もしかして軽度認知障害? 医師が実践する簡単な診断テスト

もしかして軽度認知障害? 医師が実践する簡単な診断テスト

諏訪中央病院名誉院長の鎌田實医師

 老いについて医療者として取り組み続けている諏訪中央病院名誉院長の鎌田實医師。認知症か軽度認知障害かを診断する簡単なテストについて鎌田医師が紹介する。

 * * *
 昨年の秋、ぼくが出演しているラジオ番組「日曜はがんばらない」(文化放送、日曜朝10時〜)に、ゲストとして山本朋史さんを招いた。ぼくが以前、「週刊朝日」で連載していたときの担当編集者だ。新聞記者の経歴もあり、故・永六輔さんは「敏腕記者」といつもほめていた。

 その山本さんに異変が起きたのは、60歳を過ぎたころ。たった一か月半の間に、ズボンのファスナーの締め忘れが13回、電車で乗り過ごしたのが13回、会合のダブルブッキングが2回、人の名前が出てこないのはもはや日常茶飯事だったという。

 大学病院のもの忘れ外来で、改訂長谷川式簡易知能評価スケールなど認知症の4つの検査を受けると、軽度認知障害(MCI)と診断された。軽度認知障害は、認知症の予備軍の段階。放っておくと4年で14%が認知症になる一方、生活習慣を改善することで約半数が健常に戻るといわれている。
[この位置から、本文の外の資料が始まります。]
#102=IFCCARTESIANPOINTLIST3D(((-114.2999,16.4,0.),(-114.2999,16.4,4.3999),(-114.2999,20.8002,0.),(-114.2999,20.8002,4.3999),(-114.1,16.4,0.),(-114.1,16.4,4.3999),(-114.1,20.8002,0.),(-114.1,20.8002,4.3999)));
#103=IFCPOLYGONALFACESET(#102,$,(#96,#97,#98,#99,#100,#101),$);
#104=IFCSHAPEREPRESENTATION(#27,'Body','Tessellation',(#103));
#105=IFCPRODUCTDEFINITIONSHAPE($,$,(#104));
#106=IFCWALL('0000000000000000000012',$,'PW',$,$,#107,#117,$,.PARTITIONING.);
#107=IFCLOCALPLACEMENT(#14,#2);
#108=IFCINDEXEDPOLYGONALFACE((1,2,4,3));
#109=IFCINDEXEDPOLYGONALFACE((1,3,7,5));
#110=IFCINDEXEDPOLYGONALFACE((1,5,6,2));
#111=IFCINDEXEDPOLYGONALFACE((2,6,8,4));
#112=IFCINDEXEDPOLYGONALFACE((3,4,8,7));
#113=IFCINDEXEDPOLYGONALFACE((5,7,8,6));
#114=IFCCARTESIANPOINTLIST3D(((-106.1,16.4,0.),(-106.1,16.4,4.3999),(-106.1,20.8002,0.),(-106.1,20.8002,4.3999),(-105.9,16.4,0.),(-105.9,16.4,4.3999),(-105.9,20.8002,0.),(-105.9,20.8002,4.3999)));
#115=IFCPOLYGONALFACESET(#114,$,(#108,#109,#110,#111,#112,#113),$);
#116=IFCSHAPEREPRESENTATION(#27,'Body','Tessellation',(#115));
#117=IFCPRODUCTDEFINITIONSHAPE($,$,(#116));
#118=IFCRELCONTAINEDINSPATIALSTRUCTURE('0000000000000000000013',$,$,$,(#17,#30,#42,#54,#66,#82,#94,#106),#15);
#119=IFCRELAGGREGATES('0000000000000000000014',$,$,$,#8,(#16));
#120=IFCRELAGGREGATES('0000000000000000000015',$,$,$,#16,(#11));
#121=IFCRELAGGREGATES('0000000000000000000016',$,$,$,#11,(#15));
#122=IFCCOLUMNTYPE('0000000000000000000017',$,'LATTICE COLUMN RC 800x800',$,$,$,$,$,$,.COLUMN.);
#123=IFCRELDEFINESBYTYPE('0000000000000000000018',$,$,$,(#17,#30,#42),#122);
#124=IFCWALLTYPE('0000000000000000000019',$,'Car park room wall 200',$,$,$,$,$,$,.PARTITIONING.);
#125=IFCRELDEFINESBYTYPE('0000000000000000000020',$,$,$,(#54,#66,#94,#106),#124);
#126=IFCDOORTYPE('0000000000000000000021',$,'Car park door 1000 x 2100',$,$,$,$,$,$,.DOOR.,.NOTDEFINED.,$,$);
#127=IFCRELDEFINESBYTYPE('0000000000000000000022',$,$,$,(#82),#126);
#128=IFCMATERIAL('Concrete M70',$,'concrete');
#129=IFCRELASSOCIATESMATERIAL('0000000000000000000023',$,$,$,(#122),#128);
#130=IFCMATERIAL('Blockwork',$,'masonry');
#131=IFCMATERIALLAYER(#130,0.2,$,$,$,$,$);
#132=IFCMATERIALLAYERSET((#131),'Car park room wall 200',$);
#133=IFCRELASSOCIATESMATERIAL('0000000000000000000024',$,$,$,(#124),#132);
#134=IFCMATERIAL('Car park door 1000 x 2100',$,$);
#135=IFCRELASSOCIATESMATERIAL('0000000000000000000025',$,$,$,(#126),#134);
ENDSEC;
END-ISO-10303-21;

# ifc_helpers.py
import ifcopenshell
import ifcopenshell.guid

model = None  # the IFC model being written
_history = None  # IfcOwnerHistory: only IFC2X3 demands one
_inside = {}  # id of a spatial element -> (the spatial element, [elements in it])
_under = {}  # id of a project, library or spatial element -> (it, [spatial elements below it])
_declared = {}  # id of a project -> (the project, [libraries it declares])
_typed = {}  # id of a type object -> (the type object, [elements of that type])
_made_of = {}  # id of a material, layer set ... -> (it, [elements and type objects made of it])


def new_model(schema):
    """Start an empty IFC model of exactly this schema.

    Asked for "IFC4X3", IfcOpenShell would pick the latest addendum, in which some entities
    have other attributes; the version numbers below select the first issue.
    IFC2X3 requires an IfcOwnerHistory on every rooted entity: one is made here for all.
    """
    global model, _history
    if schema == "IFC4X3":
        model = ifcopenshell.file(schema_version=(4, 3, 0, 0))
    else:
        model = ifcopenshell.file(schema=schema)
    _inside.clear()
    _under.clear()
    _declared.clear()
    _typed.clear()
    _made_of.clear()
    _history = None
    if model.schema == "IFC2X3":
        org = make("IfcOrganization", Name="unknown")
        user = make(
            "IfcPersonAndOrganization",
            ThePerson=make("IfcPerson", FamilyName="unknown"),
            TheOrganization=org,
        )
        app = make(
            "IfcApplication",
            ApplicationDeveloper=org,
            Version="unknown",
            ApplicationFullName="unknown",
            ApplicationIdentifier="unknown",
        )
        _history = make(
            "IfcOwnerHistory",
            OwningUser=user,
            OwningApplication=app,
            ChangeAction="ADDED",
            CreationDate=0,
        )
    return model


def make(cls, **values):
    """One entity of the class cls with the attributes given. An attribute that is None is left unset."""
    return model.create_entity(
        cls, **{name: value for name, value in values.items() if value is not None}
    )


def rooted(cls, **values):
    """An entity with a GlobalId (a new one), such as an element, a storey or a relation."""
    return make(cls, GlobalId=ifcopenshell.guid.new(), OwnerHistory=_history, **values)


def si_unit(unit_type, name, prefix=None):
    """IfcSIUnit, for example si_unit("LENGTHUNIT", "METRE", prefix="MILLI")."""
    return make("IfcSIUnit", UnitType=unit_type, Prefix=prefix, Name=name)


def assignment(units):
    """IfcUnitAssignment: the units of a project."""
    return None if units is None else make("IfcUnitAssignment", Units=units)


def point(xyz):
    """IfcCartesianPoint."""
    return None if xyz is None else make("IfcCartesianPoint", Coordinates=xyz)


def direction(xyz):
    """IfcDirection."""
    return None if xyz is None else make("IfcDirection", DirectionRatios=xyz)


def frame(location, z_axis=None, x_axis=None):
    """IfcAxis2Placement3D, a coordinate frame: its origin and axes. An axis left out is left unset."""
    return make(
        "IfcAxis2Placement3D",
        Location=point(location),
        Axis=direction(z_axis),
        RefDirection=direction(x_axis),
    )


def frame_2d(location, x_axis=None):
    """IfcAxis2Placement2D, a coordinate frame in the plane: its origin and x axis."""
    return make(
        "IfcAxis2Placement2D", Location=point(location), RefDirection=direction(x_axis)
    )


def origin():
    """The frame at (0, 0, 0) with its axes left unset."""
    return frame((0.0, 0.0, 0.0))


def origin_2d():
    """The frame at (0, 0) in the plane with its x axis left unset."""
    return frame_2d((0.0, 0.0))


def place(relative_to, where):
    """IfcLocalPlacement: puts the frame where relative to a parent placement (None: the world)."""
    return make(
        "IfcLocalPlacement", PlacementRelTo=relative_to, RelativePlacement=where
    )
 山本さんには、ラジオ番組で軽度認知障害になった体験を語ってもらったのだ。

 認知症か、あるいは軽度認知障害かを診断する場合、ぼくの外来では簡単なテストをする。初めに「今から言う数字を覚えておいてください」と言って、4つの数字を口頭で伝える。例えば「0628」。そして、別の質問をしたり、家での様子について聞いた後に、最初に伝えた数字を思い出してもらい、逆側から言ってもらう。正解は「8260」だ。

 読者のみなさんも、できるかどうか、ぜひ、やってみてほしい。

 このテストは、前頭葉の働きのワーキングメモリという機能をチェックしている。ワーキングメモリとは、何かの作業をするときに必要な情報や記憶を短期的に保持しておくことで、これがうまく働かないと、作業がはかどらない。仕事だけでなく、人の話を聞きながら説明したり、質問したりするのも、このワーキングメモリが働いているといわれる。
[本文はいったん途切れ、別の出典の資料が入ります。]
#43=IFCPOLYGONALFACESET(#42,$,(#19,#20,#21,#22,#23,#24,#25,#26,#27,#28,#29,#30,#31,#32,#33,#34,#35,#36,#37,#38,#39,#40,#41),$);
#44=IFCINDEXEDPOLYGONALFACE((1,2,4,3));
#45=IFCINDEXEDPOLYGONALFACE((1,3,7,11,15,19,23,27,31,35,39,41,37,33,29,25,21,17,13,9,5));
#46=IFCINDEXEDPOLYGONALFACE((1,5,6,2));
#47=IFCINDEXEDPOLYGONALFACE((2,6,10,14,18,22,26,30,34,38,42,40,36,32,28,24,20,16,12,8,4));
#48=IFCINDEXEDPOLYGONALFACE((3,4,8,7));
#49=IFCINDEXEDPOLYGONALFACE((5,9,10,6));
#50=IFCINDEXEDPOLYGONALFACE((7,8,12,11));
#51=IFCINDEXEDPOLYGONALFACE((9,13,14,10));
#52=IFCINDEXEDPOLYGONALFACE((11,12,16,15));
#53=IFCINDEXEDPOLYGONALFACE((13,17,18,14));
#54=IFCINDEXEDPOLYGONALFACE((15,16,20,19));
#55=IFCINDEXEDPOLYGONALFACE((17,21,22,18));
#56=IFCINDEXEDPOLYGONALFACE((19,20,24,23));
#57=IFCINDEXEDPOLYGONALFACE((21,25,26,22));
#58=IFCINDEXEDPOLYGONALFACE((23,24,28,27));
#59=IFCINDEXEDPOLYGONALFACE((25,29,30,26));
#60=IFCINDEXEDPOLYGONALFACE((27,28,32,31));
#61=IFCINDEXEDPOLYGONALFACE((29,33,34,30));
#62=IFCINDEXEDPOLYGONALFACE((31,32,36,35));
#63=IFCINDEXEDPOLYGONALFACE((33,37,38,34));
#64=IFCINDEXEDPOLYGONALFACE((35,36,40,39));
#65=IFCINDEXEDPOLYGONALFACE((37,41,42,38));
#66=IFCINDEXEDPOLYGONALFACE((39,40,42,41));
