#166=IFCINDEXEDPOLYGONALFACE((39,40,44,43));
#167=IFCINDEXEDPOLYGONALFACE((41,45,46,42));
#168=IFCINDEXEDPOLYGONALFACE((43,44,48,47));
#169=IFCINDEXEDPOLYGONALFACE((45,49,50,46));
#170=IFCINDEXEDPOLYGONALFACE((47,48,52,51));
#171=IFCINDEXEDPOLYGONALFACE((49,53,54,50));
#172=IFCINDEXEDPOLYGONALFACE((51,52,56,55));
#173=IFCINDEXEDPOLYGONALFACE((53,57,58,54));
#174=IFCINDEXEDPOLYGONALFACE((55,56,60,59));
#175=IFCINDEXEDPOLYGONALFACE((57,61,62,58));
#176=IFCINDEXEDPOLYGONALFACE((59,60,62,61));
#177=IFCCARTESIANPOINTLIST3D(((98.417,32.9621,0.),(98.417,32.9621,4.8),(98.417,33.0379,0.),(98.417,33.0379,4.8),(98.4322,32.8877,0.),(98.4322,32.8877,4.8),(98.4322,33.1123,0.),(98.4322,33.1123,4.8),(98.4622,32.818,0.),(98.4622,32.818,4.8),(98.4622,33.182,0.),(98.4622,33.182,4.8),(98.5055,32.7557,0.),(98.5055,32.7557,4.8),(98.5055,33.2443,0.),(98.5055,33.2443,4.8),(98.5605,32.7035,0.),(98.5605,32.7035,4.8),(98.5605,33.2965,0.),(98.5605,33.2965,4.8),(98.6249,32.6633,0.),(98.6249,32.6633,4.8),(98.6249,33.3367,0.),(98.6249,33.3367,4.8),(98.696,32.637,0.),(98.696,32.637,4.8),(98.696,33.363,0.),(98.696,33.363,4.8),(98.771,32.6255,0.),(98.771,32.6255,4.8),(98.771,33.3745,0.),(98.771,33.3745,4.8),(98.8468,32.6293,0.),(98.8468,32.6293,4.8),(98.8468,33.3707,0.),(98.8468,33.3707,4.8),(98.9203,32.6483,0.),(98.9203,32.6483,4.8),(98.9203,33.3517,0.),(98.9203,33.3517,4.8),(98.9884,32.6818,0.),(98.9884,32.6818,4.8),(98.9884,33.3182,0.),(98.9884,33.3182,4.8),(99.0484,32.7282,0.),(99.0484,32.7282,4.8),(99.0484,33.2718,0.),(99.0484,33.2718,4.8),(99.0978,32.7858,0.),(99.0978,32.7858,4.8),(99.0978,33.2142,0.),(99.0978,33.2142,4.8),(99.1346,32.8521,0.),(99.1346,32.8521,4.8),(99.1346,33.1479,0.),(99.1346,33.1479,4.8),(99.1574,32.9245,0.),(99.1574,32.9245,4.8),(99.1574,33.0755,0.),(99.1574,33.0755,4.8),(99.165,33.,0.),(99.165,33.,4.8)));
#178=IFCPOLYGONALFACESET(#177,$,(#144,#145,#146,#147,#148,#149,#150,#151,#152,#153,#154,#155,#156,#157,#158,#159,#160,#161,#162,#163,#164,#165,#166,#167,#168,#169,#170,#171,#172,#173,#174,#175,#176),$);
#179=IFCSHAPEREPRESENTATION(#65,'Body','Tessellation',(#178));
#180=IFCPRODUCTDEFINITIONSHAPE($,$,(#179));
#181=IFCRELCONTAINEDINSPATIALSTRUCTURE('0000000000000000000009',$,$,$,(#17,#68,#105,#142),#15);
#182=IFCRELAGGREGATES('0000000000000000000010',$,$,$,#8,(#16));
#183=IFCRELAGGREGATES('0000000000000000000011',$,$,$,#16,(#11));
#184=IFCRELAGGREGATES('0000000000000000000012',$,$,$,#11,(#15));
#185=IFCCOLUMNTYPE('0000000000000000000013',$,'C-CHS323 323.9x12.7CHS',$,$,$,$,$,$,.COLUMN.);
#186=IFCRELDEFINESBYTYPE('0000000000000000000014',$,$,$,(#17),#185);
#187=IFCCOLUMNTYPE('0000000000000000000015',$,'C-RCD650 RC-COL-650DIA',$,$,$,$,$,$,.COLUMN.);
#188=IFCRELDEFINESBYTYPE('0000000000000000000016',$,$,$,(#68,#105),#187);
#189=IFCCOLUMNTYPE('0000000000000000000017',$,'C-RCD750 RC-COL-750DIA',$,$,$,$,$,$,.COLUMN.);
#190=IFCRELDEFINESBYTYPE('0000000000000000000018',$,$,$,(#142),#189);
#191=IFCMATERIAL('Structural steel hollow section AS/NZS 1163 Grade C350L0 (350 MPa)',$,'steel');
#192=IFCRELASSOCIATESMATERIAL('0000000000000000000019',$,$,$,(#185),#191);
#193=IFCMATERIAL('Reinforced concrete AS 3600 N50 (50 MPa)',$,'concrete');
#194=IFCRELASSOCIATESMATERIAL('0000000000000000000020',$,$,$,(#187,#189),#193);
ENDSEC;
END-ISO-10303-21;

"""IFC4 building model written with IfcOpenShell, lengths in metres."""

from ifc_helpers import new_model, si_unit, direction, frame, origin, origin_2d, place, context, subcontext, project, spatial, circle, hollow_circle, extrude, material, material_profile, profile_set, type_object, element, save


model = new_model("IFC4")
 4つの数字を逆から言うことができなかった人は、ワーキングメモリが低下している可能性がある。もしかしたら認知症予備軍の軽度認知障害の、さらに前段階くらいになっているかもしれない。

 山本さんは、軽度認知障害の診断を受けたが、回復のためにできるかぎりのことをしようと固く決意した。そして、認知症デイケアに通い、認知力アップトレーニングや楽器を使った音楽療法、集中して絵を描く芸術療法に取り組んだ。特に、筋トレには手ごたえを感じたという。その結果、見事、軽度認知障害から回復することができたのだ。

 ラジオ番組の収録の日、山本さんは、ぼくの似顔絵を描いてきてくれた。よく特徴をとらえている。絵もうれしかったが、ぼくは、山本さんが以前にもまして生き生きしていたのがうれしかった。
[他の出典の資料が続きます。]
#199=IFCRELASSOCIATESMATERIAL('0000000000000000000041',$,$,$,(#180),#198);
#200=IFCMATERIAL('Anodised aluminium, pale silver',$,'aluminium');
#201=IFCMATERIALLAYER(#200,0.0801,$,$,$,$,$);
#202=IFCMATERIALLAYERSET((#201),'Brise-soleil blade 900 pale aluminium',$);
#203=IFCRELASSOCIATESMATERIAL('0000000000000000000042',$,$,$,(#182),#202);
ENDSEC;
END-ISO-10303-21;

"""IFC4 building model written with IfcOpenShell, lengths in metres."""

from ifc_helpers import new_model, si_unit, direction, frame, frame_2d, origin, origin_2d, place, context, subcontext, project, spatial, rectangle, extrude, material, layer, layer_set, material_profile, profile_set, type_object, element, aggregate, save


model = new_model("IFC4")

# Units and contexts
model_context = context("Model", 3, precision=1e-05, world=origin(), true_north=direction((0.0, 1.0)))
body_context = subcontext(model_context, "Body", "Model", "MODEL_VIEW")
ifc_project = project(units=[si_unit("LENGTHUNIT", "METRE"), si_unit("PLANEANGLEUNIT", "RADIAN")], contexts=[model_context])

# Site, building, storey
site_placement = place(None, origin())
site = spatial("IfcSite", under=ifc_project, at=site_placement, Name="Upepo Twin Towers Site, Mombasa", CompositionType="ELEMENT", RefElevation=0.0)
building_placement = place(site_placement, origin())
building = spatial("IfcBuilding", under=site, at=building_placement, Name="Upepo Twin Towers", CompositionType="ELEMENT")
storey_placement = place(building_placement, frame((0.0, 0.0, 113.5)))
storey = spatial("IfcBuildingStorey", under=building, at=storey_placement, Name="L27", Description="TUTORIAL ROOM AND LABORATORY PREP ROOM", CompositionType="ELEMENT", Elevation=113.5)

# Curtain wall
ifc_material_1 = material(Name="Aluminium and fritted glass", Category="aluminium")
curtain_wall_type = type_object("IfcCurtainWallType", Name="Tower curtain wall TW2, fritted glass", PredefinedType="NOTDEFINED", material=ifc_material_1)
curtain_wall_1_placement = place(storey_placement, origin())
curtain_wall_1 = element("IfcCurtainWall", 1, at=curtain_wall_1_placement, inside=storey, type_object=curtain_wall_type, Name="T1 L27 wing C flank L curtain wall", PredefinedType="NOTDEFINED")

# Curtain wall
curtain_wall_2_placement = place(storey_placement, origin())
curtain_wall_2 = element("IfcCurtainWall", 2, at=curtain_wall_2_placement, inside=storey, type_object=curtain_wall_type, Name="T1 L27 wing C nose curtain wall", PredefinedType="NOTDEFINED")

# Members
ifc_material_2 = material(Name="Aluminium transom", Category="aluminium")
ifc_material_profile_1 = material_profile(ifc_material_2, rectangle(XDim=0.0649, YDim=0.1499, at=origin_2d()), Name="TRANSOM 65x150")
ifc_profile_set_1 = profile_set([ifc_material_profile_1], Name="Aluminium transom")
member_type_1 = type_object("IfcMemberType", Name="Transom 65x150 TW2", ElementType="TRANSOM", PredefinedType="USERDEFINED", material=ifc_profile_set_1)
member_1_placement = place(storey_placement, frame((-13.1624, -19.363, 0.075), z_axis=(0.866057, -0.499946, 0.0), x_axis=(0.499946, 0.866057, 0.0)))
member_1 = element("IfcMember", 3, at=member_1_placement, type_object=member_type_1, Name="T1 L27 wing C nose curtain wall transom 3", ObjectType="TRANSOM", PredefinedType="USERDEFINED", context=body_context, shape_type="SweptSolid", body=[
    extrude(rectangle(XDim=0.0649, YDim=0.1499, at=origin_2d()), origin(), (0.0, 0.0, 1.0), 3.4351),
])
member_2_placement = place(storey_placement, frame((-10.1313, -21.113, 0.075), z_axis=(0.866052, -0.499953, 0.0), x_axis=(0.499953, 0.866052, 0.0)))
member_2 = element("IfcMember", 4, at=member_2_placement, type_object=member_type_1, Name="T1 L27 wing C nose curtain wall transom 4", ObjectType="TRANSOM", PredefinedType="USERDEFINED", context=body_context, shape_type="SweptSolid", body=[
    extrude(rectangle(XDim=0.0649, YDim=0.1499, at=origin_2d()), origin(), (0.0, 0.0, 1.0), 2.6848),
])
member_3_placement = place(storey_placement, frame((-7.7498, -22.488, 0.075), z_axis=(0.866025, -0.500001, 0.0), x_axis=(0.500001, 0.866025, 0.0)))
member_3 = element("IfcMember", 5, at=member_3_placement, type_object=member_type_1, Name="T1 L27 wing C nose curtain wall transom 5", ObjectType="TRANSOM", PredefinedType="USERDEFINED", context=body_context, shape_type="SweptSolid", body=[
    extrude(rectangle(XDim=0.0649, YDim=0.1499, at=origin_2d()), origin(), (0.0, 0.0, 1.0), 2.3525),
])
 放送で彼は、早期発見の大切さを強調した。「脳からのSOSのサインは本人がいちばん早くに気が付く。変だなと思ったらまず専門医に相談すること。早期発見すれば早期に治療ができる」

 軽度認知障害から回復した山本さんの言葉には説得力があった。

●かまた・みのる/1948年生まれ。東京医科歯科大学医学部卒業後、長野県の諏訪中央病院に赴任。現在同名誉院長。チェルノブイリの子供たちや福島原発事故被災者たちへの医療支援などにも取り組んでいる。著書に『人間の値打ち』『忖度バカ』など多数。